Cette précarité de l’emploi de nombreux journalistes n’est pas sans incidence sur leur liberté de parole et d’écriture. Pour conserver leur emploi ou ne pas perdre une promotion professionnelle, ils ne doivent pas trop bousculer l’ordre social et politique ambulant, ne pas franchir "la ligne rouge". Les contraintes économiques se traduisant par la course à l’audimat (ou au tirage maximal pour la presse) couplées à cette précarité ont une forte influence sur ce que Pierre Bourdieu appelait le "champ journalistique".

Voir à ce sujet l’exposé de Bourdieu en vidéo et notamment à partir de 26 min30 sec. https://youtu.be/I7qlfiERLJU

2 – La concentration des médias

.

Source : Acrimed

Depuis de nombreuses années, l’association critique médias a décrit et dénoncé la concentration croissante des moyens de production et de diffusion de l’information. Ce sujet reste d’actualité  :

Jeudi d’Acrimed : concentration des médias en France et ailleurs (19 janvier) par Acrimed, lundi 16 janvier 2017 http://www.acrimed.org/Jeudi-d-Acri...

Le jeudi 19 janvier 2017, à 19h, à la Bourse du travail de Paris. Avec Christophe Deloire (Reporters sans frontières) et Jérémie Fabre (Acrimed).

« Quand les journalistes m’emmerdent, je prends une participation dans leur canard et ensuite ils me foutent la paix ». À l’instar de Xavier Niel [1], .

Un phénomène de concentration de la propriété des médias qui n’est pas nouveau mais qui s’est accéléré dangereusement ces dernières années : rapprochement progressif de Libération, L’Express, RMC et BFMTV au sein du groupe de Patrick Drahi ; fusion de L’Obs et du Groupe Le Monde contrôlé par le trio Bergé/Niel/Pigasse ; rachat du Parisien/Aujourd’hui en France par Bernard Arnault, déjà propriétaire des Échos et de Radio classique ; mariage forcé entre I-Télé, Canal+ et Direct Matin sous la férule de Vincent Bolloré…

En France [2]et comme à l’étranger [3], le paysage médiatique se confond de plus en plus avec le classement des grandes fortunes.
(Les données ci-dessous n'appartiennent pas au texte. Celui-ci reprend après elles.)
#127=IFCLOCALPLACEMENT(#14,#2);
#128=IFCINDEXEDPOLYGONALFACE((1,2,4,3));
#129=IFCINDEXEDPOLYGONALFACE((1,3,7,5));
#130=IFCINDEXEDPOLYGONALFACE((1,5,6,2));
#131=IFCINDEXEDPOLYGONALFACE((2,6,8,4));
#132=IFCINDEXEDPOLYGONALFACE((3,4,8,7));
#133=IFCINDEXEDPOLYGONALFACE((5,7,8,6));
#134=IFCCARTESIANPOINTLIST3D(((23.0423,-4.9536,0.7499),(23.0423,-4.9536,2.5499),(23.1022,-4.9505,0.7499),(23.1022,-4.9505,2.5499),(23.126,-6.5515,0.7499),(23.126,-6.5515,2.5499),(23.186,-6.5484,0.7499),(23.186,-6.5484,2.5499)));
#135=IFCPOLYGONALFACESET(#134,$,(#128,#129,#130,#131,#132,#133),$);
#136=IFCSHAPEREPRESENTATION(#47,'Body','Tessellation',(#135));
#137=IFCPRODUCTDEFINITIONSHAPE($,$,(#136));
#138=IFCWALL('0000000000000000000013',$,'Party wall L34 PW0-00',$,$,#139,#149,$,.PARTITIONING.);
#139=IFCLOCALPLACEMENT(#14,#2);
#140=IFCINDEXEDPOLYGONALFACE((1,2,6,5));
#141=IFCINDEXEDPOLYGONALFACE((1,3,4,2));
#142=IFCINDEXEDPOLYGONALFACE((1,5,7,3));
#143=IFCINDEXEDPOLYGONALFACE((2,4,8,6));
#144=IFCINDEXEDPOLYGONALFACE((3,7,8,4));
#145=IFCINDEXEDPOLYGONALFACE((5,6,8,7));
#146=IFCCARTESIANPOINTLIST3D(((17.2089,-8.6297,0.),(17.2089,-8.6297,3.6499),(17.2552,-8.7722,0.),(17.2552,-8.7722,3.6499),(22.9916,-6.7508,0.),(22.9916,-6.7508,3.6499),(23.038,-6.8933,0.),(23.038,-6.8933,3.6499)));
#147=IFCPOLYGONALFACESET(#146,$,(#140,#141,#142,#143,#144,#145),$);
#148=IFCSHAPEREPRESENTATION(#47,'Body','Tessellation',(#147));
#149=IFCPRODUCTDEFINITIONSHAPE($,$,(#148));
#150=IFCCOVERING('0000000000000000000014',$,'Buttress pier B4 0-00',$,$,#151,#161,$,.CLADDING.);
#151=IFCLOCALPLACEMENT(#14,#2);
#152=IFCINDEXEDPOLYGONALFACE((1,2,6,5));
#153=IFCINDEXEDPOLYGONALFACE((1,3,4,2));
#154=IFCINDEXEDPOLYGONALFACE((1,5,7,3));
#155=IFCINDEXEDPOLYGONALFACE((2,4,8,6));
Ces grandes manœuvres [4] ont des répercussions déjà bien visibles sur la qualité de l’information et sur les conditions de travail des journalistes, accélérant des phénomènes qui témoignaient déjà d’une dégradation de l’information et de ses conditions de production : conflits d’intérêts, course au clic et à la rentabilité, censure et autocensure des journalistes, licenciements politiques, plan sociaux

Dans son dernier bilan annuel, Reporters sans frontières (RSF) fait reculer la France à la 45e place au classement mondial de la liberté de la presse. La raison avancée est des plus claires : « L’appropriation des médias par une poignée d’hommes issus de la finance et de l’industrie constitue la principale raison du recul relatif de la France. Le phénomène, déjà prégnant ces dernières années, s’est accentué. »
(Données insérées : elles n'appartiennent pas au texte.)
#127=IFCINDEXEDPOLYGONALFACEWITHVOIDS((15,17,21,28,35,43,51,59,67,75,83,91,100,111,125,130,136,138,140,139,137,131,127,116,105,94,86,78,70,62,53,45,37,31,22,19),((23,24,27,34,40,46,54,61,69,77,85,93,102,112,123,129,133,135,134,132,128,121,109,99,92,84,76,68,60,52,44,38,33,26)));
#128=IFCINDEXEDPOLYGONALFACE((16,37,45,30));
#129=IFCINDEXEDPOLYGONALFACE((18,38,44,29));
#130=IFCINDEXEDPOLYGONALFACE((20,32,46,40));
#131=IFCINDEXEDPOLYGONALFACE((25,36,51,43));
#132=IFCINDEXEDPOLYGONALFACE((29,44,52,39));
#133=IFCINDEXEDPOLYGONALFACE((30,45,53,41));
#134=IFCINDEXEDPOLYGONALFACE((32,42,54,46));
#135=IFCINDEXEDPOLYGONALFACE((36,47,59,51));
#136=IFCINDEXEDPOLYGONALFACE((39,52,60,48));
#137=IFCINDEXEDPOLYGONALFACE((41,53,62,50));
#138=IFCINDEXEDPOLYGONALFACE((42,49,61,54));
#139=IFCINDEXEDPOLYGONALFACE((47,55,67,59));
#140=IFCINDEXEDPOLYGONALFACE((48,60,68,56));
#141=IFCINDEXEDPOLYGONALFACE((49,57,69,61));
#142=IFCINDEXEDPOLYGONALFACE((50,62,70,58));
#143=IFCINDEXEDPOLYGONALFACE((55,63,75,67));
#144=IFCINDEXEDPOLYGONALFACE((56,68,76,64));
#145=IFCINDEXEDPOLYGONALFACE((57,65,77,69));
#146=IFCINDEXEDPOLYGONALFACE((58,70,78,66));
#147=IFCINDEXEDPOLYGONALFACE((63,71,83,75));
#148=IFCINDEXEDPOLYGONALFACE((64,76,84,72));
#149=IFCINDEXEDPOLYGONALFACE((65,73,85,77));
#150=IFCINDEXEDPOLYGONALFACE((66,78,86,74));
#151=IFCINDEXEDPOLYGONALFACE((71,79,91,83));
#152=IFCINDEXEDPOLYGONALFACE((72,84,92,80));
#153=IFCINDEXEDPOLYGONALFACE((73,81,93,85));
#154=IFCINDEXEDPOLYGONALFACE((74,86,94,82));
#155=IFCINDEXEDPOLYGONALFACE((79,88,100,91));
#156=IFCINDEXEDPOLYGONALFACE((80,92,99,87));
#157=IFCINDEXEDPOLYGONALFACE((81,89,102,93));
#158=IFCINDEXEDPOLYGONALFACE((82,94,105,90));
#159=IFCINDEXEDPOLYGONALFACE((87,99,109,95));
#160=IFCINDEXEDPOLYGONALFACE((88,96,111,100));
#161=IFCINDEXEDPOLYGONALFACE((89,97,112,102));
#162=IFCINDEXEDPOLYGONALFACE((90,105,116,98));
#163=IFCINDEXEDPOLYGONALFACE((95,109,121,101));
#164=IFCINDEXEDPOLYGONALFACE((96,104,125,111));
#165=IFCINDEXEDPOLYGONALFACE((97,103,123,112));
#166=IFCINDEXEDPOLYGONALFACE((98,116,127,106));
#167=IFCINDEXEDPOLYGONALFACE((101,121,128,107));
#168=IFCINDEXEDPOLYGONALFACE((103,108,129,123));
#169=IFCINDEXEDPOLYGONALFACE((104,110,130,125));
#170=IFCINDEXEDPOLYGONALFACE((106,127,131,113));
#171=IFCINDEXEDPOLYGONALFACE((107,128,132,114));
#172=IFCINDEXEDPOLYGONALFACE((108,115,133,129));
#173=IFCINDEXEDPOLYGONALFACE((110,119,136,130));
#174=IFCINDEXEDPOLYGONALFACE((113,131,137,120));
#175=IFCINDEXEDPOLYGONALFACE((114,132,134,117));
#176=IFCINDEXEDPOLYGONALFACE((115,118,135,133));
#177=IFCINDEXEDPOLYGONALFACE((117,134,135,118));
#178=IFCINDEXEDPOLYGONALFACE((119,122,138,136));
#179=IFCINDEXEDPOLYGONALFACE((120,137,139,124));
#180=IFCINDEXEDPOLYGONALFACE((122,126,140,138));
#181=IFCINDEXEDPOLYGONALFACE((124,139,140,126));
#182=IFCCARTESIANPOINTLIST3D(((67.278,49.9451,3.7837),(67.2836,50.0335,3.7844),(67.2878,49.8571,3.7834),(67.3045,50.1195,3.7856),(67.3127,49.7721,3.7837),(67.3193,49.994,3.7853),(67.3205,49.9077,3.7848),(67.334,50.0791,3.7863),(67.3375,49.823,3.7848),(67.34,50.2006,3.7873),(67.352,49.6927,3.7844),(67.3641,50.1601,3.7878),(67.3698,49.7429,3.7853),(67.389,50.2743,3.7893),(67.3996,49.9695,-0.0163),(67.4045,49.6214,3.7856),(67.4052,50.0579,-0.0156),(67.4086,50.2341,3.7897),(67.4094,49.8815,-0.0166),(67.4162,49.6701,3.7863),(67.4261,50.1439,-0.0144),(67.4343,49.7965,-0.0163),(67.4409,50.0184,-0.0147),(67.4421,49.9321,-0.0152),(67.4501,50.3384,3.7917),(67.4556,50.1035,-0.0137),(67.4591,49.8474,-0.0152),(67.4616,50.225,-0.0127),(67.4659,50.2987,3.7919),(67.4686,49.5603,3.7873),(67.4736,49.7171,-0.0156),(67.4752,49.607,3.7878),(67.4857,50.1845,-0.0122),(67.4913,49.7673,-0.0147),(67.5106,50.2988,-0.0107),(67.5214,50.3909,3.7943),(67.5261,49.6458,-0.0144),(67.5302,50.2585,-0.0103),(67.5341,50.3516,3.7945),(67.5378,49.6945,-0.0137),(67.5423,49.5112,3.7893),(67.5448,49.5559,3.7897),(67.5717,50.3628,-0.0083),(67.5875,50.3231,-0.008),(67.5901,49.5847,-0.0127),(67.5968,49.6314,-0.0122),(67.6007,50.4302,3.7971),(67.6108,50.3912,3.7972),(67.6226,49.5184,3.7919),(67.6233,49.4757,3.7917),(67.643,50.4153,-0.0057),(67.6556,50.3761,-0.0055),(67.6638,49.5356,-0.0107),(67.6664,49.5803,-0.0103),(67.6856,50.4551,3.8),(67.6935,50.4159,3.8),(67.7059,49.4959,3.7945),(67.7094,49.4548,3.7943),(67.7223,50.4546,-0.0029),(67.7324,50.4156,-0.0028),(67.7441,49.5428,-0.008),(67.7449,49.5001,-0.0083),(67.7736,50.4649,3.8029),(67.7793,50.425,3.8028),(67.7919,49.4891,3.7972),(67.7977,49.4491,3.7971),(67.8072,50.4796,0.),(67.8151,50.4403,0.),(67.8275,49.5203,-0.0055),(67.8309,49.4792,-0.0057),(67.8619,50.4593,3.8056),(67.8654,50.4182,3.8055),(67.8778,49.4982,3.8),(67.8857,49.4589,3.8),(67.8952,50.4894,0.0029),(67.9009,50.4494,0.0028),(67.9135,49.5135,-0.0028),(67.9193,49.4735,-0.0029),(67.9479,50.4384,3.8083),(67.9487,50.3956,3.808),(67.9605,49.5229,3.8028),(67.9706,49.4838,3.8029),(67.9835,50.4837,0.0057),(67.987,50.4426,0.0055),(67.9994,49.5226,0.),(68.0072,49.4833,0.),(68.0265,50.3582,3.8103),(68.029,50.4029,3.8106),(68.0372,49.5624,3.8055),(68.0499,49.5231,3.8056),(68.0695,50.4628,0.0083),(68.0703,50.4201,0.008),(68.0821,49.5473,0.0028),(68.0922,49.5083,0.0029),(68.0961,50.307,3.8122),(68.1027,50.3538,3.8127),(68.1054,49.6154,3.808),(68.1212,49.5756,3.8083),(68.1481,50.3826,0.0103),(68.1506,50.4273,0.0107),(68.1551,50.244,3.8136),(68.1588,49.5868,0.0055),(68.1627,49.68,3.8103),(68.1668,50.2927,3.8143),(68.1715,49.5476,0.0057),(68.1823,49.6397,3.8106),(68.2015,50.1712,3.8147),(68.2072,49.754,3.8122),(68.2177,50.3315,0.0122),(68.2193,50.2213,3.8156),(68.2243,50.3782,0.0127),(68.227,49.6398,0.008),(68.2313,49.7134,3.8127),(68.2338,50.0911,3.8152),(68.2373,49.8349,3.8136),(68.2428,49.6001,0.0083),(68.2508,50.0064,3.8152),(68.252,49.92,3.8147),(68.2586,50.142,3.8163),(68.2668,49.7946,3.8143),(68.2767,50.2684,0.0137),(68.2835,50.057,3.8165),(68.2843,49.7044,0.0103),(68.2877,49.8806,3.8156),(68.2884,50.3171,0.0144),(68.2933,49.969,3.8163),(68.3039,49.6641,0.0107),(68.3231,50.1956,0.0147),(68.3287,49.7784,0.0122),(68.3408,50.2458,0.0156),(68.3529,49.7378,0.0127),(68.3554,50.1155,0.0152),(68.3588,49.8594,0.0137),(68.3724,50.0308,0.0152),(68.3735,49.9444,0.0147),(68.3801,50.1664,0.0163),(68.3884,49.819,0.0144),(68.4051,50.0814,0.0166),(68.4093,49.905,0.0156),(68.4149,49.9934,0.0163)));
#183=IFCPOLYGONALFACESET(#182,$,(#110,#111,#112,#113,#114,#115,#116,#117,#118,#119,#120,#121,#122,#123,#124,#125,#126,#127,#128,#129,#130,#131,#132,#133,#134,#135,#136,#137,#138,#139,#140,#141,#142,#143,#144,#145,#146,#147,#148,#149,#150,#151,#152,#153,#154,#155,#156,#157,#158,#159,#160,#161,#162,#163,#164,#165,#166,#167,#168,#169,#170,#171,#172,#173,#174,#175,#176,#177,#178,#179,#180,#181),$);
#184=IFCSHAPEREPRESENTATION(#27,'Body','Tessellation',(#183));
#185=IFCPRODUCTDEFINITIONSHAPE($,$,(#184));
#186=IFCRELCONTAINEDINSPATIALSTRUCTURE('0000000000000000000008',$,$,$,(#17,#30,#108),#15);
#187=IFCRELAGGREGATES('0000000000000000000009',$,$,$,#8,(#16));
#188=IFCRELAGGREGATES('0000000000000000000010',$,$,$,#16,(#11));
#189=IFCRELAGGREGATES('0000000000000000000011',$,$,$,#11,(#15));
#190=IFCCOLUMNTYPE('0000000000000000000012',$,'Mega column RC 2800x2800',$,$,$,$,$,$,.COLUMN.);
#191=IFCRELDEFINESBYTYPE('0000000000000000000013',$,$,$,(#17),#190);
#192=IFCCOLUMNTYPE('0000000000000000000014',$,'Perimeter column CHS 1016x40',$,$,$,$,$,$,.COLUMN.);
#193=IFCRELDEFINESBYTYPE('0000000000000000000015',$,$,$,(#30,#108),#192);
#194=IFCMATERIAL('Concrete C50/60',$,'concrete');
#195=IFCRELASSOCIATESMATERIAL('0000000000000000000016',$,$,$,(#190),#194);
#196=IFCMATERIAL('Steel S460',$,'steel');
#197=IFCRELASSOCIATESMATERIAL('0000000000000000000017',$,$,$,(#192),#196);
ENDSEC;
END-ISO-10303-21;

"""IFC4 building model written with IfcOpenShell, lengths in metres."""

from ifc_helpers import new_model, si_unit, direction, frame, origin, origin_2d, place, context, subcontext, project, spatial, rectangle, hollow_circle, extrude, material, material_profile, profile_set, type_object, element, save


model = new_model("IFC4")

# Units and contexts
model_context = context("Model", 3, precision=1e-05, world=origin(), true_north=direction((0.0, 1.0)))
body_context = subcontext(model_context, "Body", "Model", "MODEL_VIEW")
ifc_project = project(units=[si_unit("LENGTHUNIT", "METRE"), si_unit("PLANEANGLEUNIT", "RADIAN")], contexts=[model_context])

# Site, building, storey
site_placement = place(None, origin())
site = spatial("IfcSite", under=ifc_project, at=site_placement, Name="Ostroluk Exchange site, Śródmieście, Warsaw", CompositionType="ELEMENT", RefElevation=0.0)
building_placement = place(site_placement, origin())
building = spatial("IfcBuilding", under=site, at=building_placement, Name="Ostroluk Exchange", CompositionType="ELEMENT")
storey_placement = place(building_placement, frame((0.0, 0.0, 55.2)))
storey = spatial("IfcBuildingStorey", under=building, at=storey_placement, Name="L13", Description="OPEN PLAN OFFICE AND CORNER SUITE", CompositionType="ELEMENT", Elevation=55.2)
Dans quelle mesure la tendance à la concentration des médias en France et à l’étranger [5] est-elle un véritable danger pour l’information et le journalisme ? Comment se manifeste-t-elle concrètement ? Comment s’y opposer ? Pour y répondre, Christophe Deloire, secrétaire général de RSF, sera notre invité. Jeudi d’Acrimed :

Concentration des médias en France et ailleurs jeudi 19 janvier 2017 à 19h Bourse du travail de Paris, salle Eugène Varlin (3 rue du Château d’eau, métro République) Entrée libre

Fin de l’article.

Complément : concentration des médias : article de Wikipédia ici.

Commentaire :

Les médias constituent des moyens d’influence considérable des groupes industriels et financiers non seulement sur le plan commercial mais sur le plan idéologique.

Nous n’insisterons pas sur les conséquences d’un tel phénomène de concentration sur le pluralisme de l’information qui sont fort bien expliquées par Acrimed.

Par ailleurs, un parti politique majoritaire (PS ou L R), par le biais de leurs représentants politiques au sein de l’État, a un certain pouvoir de contrôle sur les moyens d’information du secteur public. On constate ainsi, par exemple, que la visibilité d’un Mélenchon, d’un Poutou sur les chaînes publiques est faible y compris pour France Culture dont le taux d’écoute est de l’ordre de 2% ou LCP dont le taux d’audience est de l’ordre de 0,4 %.

Que les employés et ouvriers qui représentent plus de la moitié de la population active, que l’électorat de Mélenchon de quatre millions de personnes (et sans doute plus actuellement) qui paient leur redevance audiovisuelle voient et entendent très peu leurs représentants sur les chaînes de télé et de radio publiques, cela ne pose aucun problème de conscience à tous les responsables d’émissions pourtant forts inspirés pour donner des leçons de "droits de l’homme", de liberté d’expression au monde entier et notamment à la Russie. Ces journalistes ne se rendent pas compte qu’une telle situation asymétrique fait que l’auditeur averti n’accorde aucun crédit à leurs critiques de donneurs de leçons concernant la liberté d’expression. Et d’ailleurs, la France est classée au 45ème rang mondial pour la liberté de la presse.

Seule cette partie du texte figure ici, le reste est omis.